Policy Position

Federal Education Policy

in Education

Introduction

Updated as of January 2020.


Before passage of the Elementary and Secondary Education Act (ESEA) in 1965, the United States Congress generally adhered to the principle that the federal government had no authority to undertake functions and duties not enumerated in the U.S. Constitution. Because the power to fund or regulate public education is not expressly stated in the Constitution, Congress relied on families, communities, and state and local governments to direct the education of the citizenry. As an acknowledgment of this fact, many states, including North Carolina, included passages on public education in their statutes and state constitutions.

Since the rise of federal activism after World War II, Congress has continued to enlarge the federal government’s financial and regulatory role in public education. By the late 1960s, the federal government had committed to redistributing federal revenues to supplement state education expenditures for special-needs children (IDEA), low-income students (Title I), child nutrition (National School Lunch Program), and vocational education (Perkins).

At no time before did the federal government’s role become larger, or more controversial, than Congress’ 2002 reauthorization of ESEA, also known as No Child Left Behind. This bipartisan law imposed new testing, reporting, and accountability requirements on states, which they begrudgingly implemented to keep federal K-12 education dollars flowing into state coffers.

The Every Student Succeeds Act (ESSA) is the latest reauthorization of the Elementary and Secondary Education Act and borrows from the No Child Left Behind blueprint. President Barack Obama signed ESSA into law in December 2015. The Trump administration, specifically Secretary of Education Betsy DeVos, is responsible for its implementation.

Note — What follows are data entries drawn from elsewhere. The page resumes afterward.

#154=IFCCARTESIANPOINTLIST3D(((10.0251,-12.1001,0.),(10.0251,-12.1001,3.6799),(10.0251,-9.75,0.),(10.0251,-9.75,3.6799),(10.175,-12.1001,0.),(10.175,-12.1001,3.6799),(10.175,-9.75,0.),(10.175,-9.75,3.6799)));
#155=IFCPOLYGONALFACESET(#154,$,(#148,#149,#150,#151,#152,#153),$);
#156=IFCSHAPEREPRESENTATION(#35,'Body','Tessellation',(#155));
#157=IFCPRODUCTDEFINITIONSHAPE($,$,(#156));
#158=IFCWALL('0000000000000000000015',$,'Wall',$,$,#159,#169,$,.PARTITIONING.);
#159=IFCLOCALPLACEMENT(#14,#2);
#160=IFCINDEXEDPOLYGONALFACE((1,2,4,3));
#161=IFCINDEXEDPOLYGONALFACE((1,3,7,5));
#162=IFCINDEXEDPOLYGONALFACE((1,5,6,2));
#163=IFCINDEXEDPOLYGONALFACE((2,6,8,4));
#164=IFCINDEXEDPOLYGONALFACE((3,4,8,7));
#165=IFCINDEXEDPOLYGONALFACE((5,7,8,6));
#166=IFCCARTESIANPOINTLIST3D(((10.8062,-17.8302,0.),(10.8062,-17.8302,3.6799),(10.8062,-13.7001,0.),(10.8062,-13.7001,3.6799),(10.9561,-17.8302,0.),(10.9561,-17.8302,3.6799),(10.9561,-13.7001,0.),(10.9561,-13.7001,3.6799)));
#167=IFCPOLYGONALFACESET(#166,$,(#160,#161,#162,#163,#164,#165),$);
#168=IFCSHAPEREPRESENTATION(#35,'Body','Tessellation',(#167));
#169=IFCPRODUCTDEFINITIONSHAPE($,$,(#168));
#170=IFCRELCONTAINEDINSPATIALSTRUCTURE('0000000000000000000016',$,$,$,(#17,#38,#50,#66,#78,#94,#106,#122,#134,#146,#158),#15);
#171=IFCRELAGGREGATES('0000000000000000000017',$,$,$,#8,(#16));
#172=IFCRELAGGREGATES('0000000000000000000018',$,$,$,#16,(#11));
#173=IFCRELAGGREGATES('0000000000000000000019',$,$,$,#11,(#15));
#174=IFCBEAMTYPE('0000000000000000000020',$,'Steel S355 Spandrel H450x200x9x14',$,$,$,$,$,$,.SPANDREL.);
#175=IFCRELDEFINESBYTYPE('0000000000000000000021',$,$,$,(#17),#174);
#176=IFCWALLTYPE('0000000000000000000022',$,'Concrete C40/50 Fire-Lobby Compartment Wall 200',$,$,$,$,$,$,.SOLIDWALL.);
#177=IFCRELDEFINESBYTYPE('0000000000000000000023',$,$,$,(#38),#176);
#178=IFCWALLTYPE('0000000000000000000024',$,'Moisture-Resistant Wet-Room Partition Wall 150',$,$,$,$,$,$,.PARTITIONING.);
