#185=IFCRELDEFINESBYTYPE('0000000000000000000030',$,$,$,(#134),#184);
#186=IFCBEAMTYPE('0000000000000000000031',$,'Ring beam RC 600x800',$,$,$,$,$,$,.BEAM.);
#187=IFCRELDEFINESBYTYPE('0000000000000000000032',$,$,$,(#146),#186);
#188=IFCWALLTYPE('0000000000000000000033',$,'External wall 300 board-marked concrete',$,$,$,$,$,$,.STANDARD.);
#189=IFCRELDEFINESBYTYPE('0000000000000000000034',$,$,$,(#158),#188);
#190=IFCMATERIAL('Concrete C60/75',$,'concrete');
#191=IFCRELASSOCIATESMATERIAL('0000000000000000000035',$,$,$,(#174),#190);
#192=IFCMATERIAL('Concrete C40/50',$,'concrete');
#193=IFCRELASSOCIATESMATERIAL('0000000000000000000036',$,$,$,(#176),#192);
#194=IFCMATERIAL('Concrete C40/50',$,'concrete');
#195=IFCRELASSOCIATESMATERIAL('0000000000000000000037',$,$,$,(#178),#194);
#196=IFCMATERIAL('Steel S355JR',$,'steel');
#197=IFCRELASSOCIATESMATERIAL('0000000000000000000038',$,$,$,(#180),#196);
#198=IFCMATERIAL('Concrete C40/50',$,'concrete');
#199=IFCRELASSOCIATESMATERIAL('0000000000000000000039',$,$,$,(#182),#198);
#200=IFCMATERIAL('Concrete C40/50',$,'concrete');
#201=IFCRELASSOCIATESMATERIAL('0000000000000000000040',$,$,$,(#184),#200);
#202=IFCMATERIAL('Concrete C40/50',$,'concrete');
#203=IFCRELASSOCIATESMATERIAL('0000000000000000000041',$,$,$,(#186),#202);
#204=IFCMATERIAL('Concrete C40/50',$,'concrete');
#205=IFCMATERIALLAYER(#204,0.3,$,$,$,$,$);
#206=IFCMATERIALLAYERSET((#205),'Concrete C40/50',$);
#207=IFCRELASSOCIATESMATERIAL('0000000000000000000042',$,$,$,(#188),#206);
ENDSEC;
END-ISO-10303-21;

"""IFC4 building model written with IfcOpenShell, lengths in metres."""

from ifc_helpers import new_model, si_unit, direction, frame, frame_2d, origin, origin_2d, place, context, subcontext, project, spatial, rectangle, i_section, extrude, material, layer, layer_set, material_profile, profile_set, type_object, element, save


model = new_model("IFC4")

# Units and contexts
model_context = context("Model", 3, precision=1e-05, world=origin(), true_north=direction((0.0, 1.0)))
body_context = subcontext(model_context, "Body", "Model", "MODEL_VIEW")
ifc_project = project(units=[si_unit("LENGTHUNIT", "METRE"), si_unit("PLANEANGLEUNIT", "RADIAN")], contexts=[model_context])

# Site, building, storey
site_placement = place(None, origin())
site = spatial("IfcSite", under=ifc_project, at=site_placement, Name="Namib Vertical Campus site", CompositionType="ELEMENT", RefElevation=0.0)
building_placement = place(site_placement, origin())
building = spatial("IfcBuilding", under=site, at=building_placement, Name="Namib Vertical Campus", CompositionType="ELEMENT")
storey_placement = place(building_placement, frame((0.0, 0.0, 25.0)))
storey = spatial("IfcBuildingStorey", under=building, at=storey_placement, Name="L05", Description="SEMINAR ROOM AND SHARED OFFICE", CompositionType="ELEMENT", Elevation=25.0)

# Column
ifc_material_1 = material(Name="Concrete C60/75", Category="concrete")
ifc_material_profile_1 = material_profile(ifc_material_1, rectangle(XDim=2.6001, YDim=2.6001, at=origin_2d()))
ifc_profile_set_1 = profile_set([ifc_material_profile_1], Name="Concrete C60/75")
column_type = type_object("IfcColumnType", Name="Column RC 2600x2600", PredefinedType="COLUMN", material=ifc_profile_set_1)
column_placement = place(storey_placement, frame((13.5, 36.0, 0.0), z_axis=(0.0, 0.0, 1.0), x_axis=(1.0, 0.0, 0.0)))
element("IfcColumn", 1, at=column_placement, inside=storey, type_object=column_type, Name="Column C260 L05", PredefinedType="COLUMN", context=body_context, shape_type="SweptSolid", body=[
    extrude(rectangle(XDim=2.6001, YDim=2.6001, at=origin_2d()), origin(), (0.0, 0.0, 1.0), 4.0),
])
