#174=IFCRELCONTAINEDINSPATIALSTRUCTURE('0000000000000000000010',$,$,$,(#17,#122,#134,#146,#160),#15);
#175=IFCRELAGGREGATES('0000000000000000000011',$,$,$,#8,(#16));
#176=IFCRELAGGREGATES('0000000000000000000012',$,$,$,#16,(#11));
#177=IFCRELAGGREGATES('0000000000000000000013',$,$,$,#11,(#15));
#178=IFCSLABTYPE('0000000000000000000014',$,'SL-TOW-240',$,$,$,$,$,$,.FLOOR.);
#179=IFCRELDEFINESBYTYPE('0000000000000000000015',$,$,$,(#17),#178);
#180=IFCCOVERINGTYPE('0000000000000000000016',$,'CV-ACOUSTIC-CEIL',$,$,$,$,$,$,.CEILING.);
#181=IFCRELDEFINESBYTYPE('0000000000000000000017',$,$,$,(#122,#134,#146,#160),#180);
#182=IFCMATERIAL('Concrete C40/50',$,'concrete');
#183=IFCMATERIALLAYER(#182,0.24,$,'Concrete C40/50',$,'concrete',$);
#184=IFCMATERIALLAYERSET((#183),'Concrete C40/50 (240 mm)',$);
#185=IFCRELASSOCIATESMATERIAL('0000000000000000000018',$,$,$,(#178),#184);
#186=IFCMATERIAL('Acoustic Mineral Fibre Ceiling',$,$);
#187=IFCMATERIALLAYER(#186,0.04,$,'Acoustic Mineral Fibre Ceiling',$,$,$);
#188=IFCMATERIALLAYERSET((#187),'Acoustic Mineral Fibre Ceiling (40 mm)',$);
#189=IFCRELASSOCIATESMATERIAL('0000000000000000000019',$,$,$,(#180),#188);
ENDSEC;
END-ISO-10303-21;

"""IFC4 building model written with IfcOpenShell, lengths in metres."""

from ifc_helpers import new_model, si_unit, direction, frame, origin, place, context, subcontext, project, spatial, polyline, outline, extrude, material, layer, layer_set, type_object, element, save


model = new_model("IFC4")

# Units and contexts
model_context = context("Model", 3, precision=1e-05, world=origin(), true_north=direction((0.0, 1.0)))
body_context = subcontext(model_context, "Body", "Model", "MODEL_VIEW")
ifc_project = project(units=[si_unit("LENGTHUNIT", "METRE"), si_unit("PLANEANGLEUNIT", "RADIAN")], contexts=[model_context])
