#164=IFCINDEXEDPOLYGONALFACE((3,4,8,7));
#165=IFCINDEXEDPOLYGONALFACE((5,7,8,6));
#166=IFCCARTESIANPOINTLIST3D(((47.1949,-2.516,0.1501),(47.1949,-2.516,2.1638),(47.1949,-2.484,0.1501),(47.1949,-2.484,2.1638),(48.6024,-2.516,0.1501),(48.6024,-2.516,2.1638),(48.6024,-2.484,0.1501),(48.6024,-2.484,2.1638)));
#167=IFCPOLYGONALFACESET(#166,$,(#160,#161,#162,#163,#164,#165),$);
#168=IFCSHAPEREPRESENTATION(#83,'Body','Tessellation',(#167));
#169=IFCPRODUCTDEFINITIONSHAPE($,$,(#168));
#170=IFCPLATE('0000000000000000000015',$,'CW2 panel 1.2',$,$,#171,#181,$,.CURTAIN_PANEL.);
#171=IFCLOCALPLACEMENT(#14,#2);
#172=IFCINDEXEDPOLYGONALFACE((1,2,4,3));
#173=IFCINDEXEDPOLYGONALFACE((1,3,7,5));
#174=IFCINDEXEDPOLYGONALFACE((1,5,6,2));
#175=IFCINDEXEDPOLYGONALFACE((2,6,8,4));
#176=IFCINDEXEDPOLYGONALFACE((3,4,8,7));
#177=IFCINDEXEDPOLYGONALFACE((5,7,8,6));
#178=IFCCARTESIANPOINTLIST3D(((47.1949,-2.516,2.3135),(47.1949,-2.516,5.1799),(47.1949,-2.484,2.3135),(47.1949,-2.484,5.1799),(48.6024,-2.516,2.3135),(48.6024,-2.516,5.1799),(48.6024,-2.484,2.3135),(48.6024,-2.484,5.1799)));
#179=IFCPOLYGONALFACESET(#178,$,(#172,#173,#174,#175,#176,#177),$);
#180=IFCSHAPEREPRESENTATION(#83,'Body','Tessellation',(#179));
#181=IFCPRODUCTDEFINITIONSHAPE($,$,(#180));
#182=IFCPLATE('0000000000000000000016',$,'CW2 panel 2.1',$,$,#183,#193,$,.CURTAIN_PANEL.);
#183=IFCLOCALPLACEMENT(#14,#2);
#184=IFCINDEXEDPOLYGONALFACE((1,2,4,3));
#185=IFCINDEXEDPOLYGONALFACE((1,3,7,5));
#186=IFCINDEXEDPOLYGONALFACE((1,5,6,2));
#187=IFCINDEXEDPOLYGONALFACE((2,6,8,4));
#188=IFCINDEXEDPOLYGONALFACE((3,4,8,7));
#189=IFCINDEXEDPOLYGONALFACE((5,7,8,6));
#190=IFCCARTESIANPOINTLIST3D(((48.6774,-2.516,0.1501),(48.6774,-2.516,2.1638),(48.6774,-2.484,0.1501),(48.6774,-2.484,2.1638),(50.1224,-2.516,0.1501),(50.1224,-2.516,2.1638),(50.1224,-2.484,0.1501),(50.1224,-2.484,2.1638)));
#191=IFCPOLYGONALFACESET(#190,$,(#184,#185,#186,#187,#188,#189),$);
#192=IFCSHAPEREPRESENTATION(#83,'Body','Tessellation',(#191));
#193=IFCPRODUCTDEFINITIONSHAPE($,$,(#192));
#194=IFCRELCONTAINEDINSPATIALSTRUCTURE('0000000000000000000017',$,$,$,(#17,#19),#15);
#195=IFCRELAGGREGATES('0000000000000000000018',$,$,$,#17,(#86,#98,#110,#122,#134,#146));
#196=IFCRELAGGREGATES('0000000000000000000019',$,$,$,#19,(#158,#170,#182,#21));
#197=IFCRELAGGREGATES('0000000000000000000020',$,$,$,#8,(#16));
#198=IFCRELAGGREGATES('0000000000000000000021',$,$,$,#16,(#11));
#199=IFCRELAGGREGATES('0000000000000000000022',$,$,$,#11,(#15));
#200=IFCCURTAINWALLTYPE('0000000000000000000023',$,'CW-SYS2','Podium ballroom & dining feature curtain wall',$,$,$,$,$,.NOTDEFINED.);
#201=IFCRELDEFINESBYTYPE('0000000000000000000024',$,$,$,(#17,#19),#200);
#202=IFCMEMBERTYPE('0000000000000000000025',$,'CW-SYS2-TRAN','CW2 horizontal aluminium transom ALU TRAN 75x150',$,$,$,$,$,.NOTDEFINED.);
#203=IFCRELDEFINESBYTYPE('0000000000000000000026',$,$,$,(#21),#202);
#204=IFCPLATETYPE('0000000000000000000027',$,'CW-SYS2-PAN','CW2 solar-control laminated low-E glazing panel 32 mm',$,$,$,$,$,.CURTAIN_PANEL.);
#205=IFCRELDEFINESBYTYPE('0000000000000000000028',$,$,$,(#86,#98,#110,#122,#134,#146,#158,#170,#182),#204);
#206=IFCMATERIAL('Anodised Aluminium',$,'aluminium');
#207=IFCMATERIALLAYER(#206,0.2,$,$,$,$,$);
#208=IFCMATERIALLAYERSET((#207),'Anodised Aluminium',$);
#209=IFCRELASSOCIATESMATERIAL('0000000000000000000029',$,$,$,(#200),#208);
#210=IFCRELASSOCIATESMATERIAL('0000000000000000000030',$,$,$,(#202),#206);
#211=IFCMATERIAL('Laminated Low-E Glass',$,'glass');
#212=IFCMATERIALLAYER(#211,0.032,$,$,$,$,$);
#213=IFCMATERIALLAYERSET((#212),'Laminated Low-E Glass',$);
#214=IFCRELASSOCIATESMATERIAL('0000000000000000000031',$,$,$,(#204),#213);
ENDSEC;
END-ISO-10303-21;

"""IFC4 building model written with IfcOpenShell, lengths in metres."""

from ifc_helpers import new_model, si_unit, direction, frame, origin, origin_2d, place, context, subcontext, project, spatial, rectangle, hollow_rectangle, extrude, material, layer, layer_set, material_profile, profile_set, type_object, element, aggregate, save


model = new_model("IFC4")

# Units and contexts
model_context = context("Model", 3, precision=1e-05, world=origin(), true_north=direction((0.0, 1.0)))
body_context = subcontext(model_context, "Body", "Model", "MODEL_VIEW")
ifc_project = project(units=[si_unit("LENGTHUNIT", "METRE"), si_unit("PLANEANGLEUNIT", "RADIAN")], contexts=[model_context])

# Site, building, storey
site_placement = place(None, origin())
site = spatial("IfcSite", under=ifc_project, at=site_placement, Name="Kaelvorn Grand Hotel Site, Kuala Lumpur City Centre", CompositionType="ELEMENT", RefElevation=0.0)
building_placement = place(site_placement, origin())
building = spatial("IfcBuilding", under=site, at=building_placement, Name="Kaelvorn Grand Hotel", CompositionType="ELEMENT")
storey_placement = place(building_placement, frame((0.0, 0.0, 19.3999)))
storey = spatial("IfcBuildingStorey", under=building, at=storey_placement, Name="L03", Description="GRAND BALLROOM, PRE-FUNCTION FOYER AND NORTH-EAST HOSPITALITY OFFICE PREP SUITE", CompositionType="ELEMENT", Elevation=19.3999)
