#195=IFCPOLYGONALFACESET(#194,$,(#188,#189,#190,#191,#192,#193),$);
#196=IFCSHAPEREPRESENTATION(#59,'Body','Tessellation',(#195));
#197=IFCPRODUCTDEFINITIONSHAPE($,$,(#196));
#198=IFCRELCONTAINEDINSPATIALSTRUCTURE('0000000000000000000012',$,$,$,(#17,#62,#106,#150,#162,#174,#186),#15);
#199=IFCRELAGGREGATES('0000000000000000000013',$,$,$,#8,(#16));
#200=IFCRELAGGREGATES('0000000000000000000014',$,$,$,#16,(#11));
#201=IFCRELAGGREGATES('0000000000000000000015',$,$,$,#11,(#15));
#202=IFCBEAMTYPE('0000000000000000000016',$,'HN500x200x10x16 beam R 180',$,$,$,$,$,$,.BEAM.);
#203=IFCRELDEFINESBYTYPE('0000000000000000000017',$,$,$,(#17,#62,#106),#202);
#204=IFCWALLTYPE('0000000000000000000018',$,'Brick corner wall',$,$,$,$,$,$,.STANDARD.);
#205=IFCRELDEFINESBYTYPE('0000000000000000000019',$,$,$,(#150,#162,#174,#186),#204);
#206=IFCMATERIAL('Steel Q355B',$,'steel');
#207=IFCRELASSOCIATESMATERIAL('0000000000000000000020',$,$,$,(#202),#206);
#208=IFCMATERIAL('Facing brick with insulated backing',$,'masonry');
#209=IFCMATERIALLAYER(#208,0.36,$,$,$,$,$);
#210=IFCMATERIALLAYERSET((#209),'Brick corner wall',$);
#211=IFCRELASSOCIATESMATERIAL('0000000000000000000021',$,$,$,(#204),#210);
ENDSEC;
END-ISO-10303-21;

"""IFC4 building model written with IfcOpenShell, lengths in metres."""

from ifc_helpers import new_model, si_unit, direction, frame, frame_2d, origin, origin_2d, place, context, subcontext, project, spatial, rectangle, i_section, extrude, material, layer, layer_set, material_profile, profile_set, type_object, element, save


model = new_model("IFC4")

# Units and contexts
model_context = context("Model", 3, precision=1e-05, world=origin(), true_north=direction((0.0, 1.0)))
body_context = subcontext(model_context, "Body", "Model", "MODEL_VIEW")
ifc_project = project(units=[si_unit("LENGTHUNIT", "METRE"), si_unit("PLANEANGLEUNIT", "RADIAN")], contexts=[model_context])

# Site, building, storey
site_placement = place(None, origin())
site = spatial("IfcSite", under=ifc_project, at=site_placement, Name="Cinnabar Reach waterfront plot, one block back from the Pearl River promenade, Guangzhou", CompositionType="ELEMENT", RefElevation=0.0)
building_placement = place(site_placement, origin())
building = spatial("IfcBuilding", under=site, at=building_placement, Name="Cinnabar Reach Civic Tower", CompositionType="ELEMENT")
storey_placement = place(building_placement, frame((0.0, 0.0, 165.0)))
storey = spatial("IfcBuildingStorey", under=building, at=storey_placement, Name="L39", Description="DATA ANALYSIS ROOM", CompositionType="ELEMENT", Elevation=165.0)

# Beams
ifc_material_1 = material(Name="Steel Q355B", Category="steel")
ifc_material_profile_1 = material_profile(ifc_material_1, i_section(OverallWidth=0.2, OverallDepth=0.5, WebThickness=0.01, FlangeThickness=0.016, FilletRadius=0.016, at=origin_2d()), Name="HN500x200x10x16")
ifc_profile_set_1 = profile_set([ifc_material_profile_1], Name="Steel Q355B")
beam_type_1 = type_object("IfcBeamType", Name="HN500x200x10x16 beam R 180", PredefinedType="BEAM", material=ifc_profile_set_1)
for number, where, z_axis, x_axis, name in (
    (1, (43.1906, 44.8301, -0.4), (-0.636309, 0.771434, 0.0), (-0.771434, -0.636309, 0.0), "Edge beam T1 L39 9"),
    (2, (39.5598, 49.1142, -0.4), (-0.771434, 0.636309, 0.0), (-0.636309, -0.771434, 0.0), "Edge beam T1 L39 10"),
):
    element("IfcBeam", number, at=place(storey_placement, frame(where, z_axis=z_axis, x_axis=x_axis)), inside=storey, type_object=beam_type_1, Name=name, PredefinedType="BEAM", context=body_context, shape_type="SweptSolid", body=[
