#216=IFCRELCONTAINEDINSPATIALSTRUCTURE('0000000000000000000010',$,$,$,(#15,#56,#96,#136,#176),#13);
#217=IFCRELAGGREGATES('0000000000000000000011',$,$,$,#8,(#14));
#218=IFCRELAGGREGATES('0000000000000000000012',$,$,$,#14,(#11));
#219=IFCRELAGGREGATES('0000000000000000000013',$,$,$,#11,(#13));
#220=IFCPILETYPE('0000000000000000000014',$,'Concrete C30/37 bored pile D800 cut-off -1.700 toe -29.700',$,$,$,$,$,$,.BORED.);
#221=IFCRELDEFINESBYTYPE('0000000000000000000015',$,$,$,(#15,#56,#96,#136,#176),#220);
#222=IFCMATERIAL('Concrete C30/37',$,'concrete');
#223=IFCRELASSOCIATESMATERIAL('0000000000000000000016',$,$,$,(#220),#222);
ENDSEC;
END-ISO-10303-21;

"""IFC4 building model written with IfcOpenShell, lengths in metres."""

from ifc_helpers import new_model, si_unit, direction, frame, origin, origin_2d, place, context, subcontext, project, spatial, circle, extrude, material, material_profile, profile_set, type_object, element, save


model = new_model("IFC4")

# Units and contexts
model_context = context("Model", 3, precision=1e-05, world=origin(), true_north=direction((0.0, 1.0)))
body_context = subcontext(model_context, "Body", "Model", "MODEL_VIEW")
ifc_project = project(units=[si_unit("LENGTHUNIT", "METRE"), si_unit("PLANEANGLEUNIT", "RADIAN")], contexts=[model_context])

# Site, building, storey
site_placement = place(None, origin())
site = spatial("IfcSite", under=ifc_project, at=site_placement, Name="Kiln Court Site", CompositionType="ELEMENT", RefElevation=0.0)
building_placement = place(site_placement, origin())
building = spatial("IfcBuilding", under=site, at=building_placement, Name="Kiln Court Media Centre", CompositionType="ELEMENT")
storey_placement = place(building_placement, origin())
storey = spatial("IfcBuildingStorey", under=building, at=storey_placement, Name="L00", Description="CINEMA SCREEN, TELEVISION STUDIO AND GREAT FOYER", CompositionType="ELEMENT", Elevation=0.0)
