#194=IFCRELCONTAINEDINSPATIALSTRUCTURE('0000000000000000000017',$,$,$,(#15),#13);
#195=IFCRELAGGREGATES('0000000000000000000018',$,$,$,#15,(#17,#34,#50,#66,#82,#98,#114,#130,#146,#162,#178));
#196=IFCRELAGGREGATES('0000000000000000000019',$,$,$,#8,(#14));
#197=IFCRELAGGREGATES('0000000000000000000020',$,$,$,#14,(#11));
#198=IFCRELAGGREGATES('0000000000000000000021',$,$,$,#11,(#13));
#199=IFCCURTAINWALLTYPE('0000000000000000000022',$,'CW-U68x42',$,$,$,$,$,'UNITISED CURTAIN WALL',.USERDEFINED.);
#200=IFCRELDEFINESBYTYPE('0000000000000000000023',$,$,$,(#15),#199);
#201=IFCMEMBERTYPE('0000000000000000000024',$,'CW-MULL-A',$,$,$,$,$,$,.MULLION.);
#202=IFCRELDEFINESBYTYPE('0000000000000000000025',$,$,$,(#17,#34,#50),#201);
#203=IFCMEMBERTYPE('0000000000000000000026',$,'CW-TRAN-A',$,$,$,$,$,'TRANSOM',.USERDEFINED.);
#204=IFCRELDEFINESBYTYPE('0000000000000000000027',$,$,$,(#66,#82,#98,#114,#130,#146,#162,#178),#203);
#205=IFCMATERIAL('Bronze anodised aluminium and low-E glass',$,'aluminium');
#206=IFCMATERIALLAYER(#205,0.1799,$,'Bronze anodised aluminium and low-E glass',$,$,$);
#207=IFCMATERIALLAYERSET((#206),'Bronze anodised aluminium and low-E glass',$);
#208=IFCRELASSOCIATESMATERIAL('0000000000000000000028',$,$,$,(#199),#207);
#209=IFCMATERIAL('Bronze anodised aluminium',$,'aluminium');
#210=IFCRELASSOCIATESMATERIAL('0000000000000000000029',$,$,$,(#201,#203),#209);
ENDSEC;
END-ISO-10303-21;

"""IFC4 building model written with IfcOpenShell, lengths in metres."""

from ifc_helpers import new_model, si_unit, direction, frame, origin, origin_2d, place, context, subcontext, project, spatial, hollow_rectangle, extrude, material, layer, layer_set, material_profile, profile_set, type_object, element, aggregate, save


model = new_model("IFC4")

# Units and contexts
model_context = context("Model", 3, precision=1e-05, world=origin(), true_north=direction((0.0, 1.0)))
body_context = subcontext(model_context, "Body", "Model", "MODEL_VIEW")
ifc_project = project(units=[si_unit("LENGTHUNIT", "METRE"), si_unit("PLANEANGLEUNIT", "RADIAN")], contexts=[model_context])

In 2017, the U.S. Department of Education required state education agencies to submit a consolidated state plan that details how their public education system will comply with the various requirements of the law. State education officials were required to identify and initiate research-based interventions in the state’s lowest-performing schools. Like No Child Left Behind, ESSA also requires states to administer math and reading tests to students in grades 3-8 and high school. States must report those results in the aggregate and by student racial and demographic subgroups. Another provision requires all states to begin reporting school-level financial data to the department starting in 2019.

While ESSA is an improvement over No Child Left Behind, it continues to give the federal government a sizable presence in state accountability efforts. The federal government’s growing financial and ideological encroachment into public education, by Republicans and Democrats alike, invites the kind of centralization of public schooling wisely resisted by generations of Americans.

Key Facts

  • While most federal education funds are earmarked for special-needs children, low-income students, child nutrition, and vocational education, occasionally the U.S. Congress will authorize discretionary, multiyear initiatives, such as the American Recovery and Reinvestment Act (also called the “Stimulus”), and the Education Jobs Fund.
  • Current expense expenditures from federal funds totaled $1.38 billion and accounted for only 10 percent of North Carolina’s $13.92 billion public school operating budget for the 2018-19 school year. Virtually none of the state’s capital expenditures included federal funds and seldom do.
  • During the 2018-19 school year, North Carolina public schools used federal funds to support 12,424 public school employees, or 6.75 percent of all district school personnel in the state.
  • The 2017 federal tax reform legislation included a provision that allows families to use tax-free funds deposited in a 529 college savings plan for elementary and secondary private school tuition.

 

Recommendations

  1. Recognize there is no such thing as “free money” from the federal government. Ever. No state has ever received federal education funding without strings attached. Meeting those requirements may place extraordinary financial and administrative burdens on its recipients. Federal training and reporting mandates for school-based administrators and educators, for example, consume time that could otherwise be spent in more productive enterprises, such as improvement of classroom instruction.
  2. Acknowledge that federal funds do not appear out of thin air. Current and future taxpayers, not elected officials and bureaucrats in Washington, D.C., bear the burden of repaying every dollar spent or borrowed by the federal government.
  3. Refuse to accept any federal grant that interferes with the opportunity for children to receive the best education possible. The first question that should be asked is, “Will these federal funds detract, in any way, from school supervision or classroom instruction?”
  1. If using federal funds, use them prudently. For example, school districts should reject invitations to use temporary federal grant dollars to fund permanent teaching positions.